As he stood up, he said, “Believe it or not, I’ll come back and find you.”

“You won’t do either,” she assured him, “and I shan’t be anywhere.”

“Nevertheless I will hunt you down,” he said. He had untethered the mare and stood beside it. “For you have given me the weirdest and most wondrous ecstasy of any woman in the world.”

Looking out into the night, the Ghoulish girl said, “Congratulations, Kreeshkra. Your gift to humanity: freakish thrills. Make like a thunderbolt, Mud Man. I dote on thrills too.”

Fafhrd shut his lips, gazed at her a moment longer. Then as he whirled about him his cloak, the bat fluttered to it and hung there.

Kreeshkra nodded her head, “I said the bat.” Fafhrd mounted the mare and cantered down the hillside.

Kreeshkra sprang up, snatched the bow and arrow, ran to the rim of the grassy saucer and drew a bead on Fafhrd’s back, held it for three heartbeats, then turned abruptly and winged the arrow at the thorn tree. It lodged quivering in the center of the gray trunk.

Fafhrd glanced quickly around at the snap, whir, tchunk! A skeleton arm was waving him good-bye and continued to do so until he reached the road at the foot of the slope, where he urged the mare into a long-striding lope.

On the hilltop Kreeshkra stood in thought for two breaths. Then from her belt she detached something invisible, which she dropped in the center of the dying campfire.

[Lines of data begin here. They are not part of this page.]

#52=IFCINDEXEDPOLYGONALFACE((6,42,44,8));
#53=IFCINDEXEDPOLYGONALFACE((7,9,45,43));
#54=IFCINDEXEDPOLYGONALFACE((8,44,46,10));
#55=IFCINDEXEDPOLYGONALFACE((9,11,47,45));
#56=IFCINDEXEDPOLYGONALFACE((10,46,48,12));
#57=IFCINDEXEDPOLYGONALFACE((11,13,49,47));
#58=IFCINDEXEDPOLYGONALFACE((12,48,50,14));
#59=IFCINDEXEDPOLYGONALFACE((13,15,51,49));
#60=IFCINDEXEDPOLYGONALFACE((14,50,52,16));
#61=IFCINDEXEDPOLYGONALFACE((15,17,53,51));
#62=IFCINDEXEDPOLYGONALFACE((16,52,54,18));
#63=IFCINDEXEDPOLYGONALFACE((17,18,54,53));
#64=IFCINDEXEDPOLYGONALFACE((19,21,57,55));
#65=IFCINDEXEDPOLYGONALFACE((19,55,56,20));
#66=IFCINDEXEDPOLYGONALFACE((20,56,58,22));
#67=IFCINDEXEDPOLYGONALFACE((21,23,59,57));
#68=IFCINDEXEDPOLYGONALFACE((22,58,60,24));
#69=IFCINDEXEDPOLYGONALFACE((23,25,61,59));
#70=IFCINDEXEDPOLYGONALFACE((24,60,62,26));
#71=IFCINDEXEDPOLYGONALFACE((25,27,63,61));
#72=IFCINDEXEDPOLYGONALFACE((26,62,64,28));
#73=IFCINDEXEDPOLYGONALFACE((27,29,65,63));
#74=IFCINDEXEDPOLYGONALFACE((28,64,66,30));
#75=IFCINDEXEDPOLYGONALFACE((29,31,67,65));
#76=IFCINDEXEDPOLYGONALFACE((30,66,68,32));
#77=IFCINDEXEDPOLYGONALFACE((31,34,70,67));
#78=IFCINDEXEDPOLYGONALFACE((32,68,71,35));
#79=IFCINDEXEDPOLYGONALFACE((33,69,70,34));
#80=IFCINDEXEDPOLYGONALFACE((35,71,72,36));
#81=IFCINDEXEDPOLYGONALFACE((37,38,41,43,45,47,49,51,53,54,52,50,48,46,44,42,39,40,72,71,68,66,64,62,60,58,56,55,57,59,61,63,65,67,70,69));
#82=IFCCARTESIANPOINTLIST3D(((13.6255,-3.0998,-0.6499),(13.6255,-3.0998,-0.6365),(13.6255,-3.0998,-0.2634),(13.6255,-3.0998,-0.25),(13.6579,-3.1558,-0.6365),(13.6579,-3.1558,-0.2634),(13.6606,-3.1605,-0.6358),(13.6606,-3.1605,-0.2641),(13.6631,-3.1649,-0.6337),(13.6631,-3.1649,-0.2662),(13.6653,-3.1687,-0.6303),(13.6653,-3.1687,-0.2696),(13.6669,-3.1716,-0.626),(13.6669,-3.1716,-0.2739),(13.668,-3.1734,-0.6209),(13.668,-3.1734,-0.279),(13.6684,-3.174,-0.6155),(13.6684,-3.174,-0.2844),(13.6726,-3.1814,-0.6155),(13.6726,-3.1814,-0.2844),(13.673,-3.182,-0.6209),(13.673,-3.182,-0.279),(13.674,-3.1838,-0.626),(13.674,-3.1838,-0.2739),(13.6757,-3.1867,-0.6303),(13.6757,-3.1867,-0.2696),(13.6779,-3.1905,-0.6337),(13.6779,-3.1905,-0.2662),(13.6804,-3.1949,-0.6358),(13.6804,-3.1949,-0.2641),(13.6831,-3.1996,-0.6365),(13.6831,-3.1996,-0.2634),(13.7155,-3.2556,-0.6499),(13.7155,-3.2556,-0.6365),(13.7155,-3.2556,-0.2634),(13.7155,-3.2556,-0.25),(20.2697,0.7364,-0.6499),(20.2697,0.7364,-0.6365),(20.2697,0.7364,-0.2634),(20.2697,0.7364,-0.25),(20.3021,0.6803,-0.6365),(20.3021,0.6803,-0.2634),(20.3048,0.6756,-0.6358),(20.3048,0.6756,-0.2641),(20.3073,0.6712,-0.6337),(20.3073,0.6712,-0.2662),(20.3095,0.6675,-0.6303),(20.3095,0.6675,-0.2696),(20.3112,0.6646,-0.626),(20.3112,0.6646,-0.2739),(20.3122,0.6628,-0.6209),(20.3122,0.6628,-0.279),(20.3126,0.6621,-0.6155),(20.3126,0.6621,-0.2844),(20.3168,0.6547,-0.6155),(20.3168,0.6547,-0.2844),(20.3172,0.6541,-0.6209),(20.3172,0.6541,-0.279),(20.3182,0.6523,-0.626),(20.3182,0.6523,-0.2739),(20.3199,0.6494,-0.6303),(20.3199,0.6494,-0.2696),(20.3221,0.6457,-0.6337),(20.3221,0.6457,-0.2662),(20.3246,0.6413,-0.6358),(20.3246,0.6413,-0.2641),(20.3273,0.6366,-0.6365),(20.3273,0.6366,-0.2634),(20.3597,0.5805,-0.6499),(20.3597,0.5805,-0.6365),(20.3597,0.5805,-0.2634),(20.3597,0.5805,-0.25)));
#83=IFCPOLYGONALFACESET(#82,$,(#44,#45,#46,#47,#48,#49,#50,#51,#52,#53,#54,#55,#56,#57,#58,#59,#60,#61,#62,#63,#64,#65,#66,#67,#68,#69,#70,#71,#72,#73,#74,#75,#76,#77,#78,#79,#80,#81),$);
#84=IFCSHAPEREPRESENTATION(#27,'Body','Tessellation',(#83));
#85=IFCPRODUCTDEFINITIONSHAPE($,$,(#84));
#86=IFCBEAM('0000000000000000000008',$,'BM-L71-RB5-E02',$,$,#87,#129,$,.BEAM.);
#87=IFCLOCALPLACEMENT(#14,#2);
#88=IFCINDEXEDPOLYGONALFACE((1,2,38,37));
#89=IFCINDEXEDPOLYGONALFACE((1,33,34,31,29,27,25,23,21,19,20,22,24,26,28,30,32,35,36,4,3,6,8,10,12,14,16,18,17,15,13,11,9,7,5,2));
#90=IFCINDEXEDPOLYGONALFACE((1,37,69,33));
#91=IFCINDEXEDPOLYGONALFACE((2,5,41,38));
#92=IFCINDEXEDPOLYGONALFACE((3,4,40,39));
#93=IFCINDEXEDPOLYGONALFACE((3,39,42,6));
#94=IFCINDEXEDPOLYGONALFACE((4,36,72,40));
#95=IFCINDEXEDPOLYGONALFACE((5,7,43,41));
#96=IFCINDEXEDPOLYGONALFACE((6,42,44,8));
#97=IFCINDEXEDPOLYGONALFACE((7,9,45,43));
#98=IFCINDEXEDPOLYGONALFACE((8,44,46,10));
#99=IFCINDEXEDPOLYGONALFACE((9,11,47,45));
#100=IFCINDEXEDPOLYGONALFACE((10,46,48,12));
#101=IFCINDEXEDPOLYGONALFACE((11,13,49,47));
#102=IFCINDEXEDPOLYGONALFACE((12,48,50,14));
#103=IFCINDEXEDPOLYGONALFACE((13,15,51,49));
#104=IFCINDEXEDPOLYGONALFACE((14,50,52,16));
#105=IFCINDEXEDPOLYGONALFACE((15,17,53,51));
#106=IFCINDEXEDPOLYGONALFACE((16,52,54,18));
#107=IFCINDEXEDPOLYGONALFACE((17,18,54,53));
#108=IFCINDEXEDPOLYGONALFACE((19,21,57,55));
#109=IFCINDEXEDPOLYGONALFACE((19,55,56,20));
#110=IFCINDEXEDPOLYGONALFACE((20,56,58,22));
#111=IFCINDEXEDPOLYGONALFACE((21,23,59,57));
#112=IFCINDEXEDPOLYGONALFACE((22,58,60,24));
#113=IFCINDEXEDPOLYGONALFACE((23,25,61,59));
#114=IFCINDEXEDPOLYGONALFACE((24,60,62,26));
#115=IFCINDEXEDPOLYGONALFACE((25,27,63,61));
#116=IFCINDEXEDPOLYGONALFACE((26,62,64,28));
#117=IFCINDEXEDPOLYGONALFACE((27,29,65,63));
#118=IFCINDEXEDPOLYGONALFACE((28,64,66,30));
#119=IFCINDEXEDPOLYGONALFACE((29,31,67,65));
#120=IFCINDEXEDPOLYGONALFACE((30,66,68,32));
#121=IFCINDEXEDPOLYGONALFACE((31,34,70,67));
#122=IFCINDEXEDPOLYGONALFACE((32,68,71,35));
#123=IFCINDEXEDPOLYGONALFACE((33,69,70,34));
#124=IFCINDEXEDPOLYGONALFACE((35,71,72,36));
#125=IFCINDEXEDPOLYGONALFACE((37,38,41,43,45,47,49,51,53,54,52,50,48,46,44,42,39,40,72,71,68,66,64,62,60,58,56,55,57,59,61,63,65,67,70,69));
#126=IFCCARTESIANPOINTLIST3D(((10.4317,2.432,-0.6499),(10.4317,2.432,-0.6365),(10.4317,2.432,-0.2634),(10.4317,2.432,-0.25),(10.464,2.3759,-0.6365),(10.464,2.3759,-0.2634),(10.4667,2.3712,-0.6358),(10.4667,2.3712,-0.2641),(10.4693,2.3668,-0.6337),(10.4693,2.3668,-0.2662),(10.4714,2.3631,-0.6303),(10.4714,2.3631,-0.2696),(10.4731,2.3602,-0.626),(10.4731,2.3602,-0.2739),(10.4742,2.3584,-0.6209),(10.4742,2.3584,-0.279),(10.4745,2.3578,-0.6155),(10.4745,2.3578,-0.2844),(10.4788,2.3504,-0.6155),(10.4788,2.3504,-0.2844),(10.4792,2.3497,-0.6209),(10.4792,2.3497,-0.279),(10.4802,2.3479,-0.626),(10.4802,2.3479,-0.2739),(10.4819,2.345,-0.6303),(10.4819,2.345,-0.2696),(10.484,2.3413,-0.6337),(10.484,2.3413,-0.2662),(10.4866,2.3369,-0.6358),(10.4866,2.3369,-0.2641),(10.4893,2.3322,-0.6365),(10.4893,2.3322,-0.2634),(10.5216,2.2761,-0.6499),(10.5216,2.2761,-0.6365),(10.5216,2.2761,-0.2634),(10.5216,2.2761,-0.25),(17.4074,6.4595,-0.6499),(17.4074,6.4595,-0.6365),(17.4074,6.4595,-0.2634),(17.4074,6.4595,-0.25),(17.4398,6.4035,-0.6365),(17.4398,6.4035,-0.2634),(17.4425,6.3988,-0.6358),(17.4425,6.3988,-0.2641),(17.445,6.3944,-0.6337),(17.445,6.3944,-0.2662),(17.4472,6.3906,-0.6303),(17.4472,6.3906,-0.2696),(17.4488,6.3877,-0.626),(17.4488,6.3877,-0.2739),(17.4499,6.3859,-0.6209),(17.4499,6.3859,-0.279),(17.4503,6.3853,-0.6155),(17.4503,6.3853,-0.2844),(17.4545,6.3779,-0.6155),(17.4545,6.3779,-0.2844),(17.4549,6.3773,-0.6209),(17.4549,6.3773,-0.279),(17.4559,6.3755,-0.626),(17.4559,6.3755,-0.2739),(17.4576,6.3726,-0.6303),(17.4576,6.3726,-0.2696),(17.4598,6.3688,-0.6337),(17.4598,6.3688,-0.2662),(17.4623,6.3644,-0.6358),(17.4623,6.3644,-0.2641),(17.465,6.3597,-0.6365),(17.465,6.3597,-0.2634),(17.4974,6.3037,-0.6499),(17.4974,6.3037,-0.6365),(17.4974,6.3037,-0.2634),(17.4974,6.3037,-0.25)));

There was a sputtering and a shower of sparks, when a bright blue flame shot straight up a dozen yards and burnt for as many heartbeats before it died. Kreeshkra’s bones looked like blued iron, her glinting glassy flesh like scraps of tropic night-sky, but there was none to see this beauty.

Fafhrd watched the needlelike flare over shoulder as he sped rockingly along and he frowned into the wind.

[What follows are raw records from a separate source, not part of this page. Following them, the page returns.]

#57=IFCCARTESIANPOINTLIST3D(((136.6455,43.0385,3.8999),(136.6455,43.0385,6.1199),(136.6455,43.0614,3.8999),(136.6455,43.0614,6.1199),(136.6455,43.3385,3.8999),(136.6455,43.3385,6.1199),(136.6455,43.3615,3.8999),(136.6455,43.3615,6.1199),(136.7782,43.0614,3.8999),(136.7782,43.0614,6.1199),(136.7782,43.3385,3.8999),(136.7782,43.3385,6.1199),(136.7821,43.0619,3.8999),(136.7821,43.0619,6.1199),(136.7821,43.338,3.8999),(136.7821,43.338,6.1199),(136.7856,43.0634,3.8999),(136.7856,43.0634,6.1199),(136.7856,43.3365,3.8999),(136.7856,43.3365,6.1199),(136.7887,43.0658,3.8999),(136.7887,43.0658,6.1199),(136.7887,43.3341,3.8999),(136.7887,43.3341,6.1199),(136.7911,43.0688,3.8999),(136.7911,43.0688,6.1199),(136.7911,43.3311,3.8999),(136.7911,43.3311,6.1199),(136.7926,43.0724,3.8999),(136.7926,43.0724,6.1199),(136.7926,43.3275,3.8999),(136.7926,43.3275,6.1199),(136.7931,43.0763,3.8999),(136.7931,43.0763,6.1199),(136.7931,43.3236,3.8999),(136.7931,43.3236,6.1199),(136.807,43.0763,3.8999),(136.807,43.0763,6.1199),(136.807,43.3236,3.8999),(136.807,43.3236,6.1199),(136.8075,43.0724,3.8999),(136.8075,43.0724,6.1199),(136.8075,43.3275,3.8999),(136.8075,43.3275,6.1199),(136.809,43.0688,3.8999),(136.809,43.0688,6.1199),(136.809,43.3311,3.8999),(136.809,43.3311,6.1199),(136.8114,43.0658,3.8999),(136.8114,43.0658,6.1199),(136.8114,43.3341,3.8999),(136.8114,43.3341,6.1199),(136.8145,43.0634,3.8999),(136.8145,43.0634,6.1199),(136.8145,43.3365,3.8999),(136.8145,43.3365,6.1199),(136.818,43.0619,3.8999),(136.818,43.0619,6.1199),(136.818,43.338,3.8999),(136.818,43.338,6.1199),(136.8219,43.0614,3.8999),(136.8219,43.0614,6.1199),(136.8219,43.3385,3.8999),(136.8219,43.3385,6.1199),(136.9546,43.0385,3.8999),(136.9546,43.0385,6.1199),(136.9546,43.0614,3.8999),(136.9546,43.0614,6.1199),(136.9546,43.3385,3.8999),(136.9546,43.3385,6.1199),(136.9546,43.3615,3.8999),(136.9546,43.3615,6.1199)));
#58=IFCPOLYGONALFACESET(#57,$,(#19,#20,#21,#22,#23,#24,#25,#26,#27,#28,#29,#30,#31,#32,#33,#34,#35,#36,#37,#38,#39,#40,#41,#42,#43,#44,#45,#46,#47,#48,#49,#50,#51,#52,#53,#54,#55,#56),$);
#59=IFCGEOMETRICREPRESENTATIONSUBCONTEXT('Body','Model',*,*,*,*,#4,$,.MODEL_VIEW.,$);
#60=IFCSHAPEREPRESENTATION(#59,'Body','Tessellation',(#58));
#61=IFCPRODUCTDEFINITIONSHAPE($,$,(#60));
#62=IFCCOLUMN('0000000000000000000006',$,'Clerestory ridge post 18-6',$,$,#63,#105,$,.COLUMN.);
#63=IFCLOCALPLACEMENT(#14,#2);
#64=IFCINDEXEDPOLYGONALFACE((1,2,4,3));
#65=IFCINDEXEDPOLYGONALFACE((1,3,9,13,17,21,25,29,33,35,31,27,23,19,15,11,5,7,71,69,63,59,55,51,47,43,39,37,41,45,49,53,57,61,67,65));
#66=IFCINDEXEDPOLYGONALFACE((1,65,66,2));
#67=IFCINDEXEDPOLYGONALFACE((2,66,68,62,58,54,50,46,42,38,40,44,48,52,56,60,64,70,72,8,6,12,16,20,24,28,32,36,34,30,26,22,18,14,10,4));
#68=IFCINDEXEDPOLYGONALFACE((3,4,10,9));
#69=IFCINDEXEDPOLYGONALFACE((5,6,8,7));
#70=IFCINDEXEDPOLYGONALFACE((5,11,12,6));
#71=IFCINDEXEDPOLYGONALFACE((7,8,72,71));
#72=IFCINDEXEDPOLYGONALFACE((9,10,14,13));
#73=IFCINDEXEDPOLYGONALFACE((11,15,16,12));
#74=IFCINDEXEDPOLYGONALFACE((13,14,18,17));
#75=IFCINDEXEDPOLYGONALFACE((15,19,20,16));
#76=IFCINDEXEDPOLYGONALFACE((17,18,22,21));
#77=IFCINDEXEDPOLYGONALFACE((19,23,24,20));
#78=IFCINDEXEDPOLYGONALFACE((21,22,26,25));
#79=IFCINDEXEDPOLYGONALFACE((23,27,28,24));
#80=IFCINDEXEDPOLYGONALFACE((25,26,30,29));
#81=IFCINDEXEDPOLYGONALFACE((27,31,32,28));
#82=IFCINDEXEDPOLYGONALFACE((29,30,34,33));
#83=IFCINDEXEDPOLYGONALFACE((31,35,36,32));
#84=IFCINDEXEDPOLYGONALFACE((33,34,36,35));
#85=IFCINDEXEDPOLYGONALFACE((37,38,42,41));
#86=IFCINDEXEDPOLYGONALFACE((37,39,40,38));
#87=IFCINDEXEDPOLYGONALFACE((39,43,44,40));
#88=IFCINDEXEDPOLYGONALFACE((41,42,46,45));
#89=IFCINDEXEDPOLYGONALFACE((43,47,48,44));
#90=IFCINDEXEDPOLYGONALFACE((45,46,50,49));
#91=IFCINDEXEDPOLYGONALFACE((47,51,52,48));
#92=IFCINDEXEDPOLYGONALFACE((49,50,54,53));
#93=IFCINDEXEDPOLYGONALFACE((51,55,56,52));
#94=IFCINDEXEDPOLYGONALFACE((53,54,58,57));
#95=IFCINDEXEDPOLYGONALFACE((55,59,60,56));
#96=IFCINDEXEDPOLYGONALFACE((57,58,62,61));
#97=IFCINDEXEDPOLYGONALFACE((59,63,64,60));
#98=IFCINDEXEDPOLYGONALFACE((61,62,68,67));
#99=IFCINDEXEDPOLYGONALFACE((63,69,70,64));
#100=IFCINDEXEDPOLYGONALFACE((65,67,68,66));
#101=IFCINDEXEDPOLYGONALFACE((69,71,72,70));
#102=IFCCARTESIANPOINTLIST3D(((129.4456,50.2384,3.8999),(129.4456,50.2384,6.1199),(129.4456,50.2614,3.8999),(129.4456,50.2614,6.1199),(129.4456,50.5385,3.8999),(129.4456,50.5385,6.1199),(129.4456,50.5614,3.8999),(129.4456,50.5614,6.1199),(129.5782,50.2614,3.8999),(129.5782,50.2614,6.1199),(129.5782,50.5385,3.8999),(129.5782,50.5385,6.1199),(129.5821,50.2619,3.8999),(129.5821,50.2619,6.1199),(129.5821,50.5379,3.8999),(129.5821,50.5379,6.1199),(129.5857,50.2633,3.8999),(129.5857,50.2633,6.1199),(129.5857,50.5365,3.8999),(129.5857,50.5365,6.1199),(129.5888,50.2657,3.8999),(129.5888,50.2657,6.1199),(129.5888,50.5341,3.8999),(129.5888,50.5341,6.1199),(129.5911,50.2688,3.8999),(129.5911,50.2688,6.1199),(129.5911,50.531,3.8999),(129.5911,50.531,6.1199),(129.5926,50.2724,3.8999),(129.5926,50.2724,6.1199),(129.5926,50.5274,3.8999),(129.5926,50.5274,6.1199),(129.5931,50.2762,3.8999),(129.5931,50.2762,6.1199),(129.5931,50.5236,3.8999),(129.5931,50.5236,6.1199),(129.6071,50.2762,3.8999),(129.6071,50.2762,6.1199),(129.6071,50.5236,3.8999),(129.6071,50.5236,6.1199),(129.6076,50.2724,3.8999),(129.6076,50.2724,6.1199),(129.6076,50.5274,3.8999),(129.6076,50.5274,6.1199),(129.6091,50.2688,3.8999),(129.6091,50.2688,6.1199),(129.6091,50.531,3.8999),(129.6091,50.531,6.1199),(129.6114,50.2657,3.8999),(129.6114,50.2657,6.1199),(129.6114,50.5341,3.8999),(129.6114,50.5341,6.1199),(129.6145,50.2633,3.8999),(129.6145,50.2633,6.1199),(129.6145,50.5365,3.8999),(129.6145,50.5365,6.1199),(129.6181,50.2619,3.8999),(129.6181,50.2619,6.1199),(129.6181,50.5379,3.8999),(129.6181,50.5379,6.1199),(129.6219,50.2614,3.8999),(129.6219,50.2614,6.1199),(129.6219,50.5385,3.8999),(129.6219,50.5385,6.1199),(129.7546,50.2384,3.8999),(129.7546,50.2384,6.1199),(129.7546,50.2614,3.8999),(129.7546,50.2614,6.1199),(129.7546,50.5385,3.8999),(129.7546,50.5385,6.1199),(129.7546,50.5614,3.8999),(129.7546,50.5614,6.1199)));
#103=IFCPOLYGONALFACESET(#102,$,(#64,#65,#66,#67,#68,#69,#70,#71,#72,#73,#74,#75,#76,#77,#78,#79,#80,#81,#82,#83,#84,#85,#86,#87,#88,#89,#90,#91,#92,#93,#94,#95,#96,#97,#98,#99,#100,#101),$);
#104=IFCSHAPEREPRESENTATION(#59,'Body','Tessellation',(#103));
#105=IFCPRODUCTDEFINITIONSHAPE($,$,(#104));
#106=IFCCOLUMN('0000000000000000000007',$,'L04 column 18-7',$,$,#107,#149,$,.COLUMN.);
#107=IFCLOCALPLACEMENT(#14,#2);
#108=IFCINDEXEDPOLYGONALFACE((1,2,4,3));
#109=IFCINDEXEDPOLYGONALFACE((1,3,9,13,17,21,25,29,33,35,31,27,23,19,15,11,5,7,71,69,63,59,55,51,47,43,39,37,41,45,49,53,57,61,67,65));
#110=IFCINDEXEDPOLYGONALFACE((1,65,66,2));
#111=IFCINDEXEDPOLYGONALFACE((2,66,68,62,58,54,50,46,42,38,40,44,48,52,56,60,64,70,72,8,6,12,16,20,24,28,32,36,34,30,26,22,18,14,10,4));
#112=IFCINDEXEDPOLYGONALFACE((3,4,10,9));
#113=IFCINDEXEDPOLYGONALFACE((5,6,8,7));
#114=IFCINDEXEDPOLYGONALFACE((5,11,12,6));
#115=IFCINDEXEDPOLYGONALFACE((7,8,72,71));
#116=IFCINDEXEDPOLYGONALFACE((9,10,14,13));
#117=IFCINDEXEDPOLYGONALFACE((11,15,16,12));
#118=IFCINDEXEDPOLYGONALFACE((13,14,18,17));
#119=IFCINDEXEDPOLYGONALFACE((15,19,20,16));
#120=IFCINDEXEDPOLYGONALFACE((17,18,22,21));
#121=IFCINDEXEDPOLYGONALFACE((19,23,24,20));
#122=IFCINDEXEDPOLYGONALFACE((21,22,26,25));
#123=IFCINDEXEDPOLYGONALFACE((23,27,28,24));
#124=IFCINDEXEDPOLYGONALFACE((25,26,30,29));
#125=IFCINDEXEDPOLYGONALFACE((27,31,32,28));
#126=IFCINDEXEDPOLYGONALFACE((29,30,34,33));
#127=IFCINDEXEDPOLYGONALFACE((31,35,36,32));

The rats were murdering in Lankhmar that night. Cats died by swiftly sped crossbow darts that punctured slit-pupiled eye to lodge in brain. Poison set out for rats was cunningly secreted in gobbets of dogs’ dinners. Elakeria’s marmoset died crucified to the head of the sandalwood bed of that plump wanton, just opposite her ceiling-tall mirror of daily-polished silver. Babies were bitten to death in their cradles. A few big folk were stung by deep-burrowing darts smeared with a black stuff and died in convulsions after hours of agony. Many drank to still their fears, but the unwatched dead-drunk bled to death from neat cuts that tapped arteries. Glipkerio’s aunt, who was also Elakeria’s mother, strangled in a noose hung over a dark steep stairs made slippery by spilled oil. A venturesome harlot was overrun in the Plaza of Dark Delights and eaten alive while no one heeded her screams.

So tricky were some of the traps the rats set and by circumstantial evidence so deft their wielding of their weapons, that many folk began to insist that some of them, especially the rare and elusive albinos, had on their forelegs tiny clawed hands rather than paws, while there were many reports of rats running on their hind legs.

Ferrets were driven in droves down rat-holes. None returned. Eerily bag-headed, brown-uniformed soldiers rushed about in squads, searching in vain for targets for their new and much-touted weapons. The deepest wells in the city were deliberately poisoned, on the assumption that the city of rats went as deep and tapped those wells for its water supply. Burning brimstone was recklessly poured into rat-holes and soldiers had to be detached from their primary duty to fight the resultant fires.